DPKS can be install via pip:

pip install dpks

Overview

DPKS is a comprehensive python library for statistical analysis and explainable machine learning for omics data. DPKS allows for easily configurable and reproducible analysis pipelines that will simplify workflows and allow for exploration. Additionally, it exposes advances explainable machine learning techniques with a simple API allowing them to be used by non-machine learning practicioners in the field.

An overview of DPKS and some of its main functionality.

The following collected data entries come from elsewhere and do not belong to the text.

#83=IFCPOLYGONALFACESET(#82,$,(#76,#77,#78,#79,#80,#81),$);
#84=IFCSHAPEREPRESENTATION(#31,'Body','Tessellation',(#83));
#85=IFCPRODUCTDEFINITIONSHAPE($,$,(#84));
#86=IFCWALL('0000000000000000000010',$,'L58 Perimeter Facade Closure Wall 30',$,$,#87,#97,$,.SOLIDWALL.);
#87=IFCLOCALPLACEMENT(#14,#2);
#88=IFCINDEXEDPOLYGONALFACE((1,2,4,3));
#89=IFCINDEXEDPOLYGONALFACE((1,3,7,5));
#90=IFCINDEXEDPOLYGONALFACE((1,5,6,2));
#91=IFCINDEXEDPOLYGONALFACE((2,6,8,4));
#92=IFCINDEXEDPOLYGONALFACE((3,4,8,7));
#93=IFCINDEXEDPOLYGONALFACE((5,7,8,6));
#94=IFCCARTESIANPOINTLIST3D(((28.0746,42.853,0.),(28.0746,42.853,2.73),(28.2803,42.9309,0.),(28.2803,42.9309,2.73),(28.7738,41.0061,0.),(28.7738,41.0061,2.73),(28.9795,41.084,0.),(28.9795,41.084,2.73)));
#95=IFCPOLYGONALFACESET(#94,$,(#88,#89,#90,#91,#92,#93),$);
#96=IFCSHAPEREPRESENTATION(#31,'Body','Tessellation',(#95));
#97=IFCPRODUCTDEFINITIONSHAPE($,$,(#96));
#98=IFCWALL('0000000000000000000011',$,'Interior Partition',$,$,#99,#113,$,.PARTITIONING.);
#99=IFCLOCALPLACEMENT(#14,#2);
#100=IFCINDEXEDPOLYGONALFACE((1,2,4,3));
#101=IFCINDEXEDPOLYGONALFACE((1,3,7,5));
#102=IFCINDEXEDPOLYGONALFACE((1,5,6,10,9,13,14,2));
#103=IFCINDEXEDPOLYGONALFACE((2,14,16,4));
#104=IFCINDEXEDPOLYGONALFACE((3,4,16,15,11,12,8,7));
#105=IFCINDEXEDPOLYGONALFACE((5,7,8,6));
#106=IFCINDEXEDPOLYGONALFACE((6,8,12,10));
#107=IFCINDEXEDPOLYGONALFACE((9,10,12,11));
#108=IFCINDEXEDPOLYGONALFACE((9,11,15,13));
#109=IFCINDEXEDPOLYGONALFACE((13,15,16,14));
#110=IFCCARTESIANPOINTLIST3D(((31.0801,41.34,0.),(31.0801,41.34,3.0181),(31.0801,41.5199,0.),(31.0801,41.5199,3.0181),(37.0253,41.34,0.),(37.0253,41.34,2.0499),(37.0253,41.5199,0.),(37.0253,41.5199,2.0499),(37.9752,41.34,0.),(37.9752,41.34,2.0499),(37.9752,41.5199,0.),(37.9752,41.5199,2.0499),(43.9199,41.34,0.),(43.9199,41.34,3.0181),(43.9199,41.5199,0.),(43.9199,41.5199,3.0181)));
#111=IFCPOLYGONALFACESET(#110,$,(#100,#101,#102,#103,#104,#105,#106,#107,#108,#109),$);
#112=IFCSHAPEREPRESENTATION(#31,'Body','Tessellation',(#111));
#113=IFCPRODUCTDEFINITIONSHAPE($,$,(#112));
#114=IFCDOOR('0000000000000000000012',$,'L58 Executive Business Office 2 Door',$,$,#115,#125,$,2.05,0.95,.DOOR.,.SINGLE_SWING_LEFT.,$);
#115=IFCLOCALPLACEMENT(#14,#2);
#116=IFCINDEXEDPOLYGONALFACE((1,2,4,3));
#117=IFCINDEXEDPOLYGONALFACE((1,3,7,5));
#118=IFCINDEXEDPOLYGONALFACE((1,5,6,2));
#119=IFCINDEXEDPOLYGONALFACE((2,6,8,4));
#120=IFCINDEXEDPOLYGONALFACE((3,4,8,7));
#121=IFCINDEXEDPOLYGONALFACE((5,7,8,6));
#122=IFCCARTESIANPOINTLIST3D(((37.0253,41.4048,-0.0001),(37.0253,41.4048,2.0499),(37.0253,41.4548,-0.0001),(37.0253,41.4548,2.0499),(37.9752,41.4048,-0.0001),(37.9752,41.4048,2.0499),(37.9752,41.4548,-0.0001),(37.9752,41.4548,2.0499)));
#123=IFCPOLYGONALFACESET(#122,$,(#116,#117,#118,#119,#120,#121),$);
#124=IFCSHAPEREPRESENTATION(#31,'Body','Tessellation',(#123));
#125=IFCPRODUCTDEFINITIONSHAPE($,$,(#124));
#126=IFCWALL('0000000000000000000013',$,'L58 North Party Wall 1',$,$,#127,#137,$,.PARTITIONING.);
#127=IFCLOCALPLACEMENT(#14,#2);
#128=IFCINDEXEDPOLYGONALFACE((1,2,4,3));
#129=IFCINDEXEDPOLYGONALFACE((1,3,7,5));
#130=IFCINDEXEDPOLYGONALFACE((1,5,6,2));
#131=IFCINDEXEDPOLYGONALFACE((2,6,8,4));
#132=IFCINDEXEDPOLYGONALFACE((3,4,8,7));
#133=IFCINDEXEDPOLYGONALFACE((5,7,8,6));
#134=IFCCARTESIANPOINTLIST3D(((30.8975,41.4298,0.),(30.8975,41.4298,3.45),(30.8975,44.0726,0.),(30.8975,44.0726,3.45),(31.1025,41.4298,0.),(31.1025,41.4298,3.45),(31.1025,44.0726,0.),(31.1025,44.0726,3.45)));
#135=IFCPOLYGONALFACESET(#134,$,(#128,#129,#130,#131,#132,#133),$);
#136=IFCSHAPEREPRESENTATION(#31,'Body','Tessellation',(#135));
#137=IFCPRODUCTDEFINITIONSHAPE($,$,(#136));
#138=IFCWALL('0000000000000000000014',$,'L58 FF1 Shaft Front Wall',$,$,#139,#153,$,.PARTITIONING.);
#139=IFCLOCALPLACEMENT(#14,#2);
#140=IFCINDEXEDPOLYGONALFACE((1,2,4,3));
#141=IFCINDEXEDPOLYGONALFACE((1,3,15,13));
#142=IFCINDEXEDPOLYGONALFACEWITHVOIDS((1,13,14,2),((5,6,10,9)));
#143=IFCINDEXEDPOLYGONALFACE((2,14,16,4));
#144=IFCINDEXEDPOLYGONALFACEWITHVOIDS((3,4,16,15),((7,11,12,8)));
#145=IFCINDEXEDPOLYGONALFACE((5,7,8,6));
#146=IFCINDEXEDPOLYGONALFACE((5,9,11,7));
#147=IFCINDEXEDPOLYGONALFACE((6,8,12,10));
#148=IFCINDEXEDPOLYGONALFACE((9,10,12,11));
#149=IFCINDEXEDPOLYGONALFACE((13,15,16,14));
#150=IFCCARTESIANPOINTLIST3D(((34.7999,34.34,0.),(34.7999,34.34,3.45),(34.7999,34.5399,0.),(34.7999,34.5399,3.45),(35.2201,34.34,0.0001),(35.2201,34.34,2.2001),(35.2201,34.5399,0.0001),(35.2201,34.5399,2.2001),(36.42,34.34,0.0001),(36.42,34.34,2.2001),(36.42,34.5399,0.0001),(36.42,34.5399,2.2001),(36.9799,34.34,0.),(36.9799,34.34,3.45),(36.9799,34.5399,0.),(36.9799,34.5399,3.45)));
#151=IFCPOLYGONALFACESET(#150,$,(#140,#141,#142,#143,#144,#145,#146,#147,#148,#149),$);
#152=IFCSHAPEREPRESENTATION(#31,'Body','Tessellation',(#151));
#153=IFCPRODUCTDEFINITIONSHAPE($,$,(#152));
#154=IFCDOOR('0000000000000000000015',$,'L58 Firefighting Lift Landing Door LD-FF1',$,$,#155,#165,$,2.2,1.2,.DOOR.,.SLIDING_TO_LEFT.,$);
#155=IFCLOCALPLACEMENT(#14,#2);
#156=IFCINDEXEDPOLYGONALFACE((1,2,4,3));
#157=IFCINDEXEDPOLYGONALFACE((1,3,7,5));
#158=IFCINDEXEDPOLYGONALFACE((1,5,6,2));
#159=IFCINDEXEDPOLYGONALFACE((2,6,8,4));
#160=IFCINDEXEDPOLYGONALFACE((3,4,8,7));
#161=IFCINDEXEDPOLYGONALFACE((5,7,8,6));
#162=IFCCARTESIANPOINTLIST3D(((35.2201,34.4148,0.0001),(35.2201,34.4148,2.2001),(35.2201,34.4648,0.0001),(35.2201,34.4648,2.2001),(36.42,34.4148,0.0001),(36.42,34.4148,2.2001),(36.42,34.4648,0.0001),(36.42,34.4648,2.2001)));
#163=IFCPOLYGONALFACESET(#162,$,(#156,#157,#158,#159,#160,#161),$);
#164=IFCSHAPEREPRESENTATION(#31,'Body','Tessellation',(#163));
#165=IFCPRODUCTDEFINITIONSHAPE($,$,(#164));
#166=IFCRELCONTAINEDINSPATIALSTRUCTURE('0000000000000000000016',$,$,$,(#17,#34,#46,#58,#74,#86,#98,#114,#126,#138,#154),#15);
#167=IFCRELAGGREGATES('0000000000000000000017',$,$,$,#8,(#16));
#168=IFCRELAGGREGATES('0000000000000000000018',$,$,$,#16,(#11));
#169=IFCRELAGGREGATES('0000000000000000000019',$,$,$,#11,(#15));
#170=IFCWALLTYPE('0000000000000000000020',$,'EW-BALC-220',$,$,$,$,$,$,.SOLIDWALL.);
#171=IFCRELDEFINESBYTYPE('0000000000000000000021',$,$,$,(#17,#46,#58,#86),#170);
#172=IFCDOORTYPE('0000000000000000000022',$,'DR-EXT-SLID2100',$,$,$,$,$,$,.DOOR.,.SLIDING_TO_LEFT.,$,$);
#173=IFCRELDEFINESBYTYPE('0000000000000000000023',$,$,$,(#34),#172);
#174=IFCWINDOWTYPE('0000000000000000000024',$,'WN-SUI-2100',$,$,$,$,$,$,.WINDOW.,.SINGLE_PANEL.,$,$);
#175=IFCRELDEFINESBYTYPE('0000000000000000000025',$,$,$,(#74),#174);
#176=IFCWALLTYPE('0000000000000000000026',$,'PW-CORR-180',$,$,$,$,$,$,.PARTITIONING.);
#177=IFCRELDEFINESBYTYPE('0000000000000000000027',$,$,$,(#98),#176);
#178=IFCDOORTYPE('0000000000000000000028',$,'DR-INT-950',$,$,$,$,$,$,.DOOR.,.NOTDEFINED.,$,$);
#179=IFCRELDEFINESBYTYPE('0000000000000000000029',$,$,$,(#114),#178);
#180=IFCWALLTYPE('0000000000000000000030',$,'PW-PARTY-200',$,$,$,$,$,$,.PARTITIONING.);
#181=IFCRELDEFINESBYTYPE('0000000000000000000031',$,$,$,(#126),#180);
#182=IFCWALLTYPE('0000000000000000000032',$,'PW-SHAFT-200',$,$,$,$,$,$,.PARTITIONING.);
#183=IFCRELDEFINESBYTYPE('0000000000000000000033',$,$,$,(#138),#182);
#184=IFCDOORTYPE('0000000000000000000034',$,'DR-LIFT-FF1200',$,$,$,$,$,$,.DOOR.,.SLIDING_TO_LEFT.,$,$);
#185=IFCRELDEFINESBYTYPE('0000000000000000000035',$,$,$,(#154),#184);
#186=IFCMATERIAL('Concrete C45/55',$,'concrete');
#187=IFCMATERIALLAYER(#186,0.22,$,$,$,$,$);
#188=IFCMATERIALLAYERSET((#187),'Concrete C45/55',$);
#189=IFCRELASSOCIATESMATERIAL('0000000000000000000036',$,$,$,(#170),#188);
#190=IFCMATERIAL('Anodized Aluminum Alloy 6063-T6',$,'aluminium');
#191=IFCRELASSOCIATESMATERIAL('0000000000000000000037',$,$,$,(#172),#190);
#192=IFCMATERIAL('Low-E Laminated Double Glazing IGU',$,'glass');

From the abstract from our preprint:

The application of machine learning algorithms to facilitate the understanding of changes in proteome states has emerged as a promising methodology in proteomics research. Unfortunately, these methods can prove difficult to interpret, as it may not be immediately obvious how models reach their predictions. We present the data processing kitchen sink (DPKS) which provides reproducible access to classic statistical methods and advanced explainable machine learning algorithms to build highly accurate and fully interpretable predictive models. In DPKS, explainable machine learning methods are used to calculate the importance of each protein towards the prediction of a model for a particular proteome state. The calculated importance of each protein can enable the identification of proteins that drive phenotypic change in a data-driven manner while classic techniques rely on arbitrary cutoffs that may exclude important features from consideration. DPKS is a free and open source Python package available at https://github.com/InfectionMedicineProteomics/DPKS. 1

Example

DPKS leverages method chaining, allowing for easily customizable pipelines to be created with minimal lines of code. Below is an example of how an analysis might be conducted by combining normalization, protein quantification, differential abundance analysis, explainable machine learning, and pathway enrichment analysis utilizing using DPKS.

import xgboost
from dpks.quant_matrix import QuantMatrix

quant_data = "quant_data.tsv"
design_matrix = "design_matrix.tsv"

clf = xgboost.XGBClassifier(
    max_depth=2,
    reg_lambda=2,
    objective="binary:logistic",
    seed=42
)

qm = (
    QuantMatrix(
        quantification_file=quant_data,
        design_matrix_file=design_matrix
    )
    .filter()
    .normalize(
        method="mean",
        use_rt_sliding_window_filter=True
    )
    .quantify(
        method="maxlfq",
        threads=10,
        top_n=5
    )
    .compare(
        method="linregress",
        min_samples_per_group=2,
        comparisons=[(2, 1), (3, 1)]
    )
    .explain(
        clf,
        comparisons=[(2, 1), (3, 1)],
        n_iterations=100,
        downsample_background=True
    )
    .annotate()
)

enr = qm.enrich(
    method="overreptest",
    libraries=['GO_Biological_Process_2023', 'KEGG_2021_Human', 'Reactome_2022'],
    filter_shap=True
)

Here, we parse in the quantitative data and a design matrix, filter out contaminants and precursors below a 1% FDR threshold, normalize the data using the mean of a retention time sliding window filter, quantify proteins using relative quantification, perform differential abundance analysis using linear regression between 2 different groups of comparisons, explain those comparisons using explainable machine learning with 100 iterations of a downsampled bootstrap interpreter, and then annotate the uniprot IDs with their corresponding gene names. Finally, we take the output from the above analysis and perform pathway enrichment overrepresentation statistical tests using 3 different pathway databases on only proteins considered important during classification from the explain step.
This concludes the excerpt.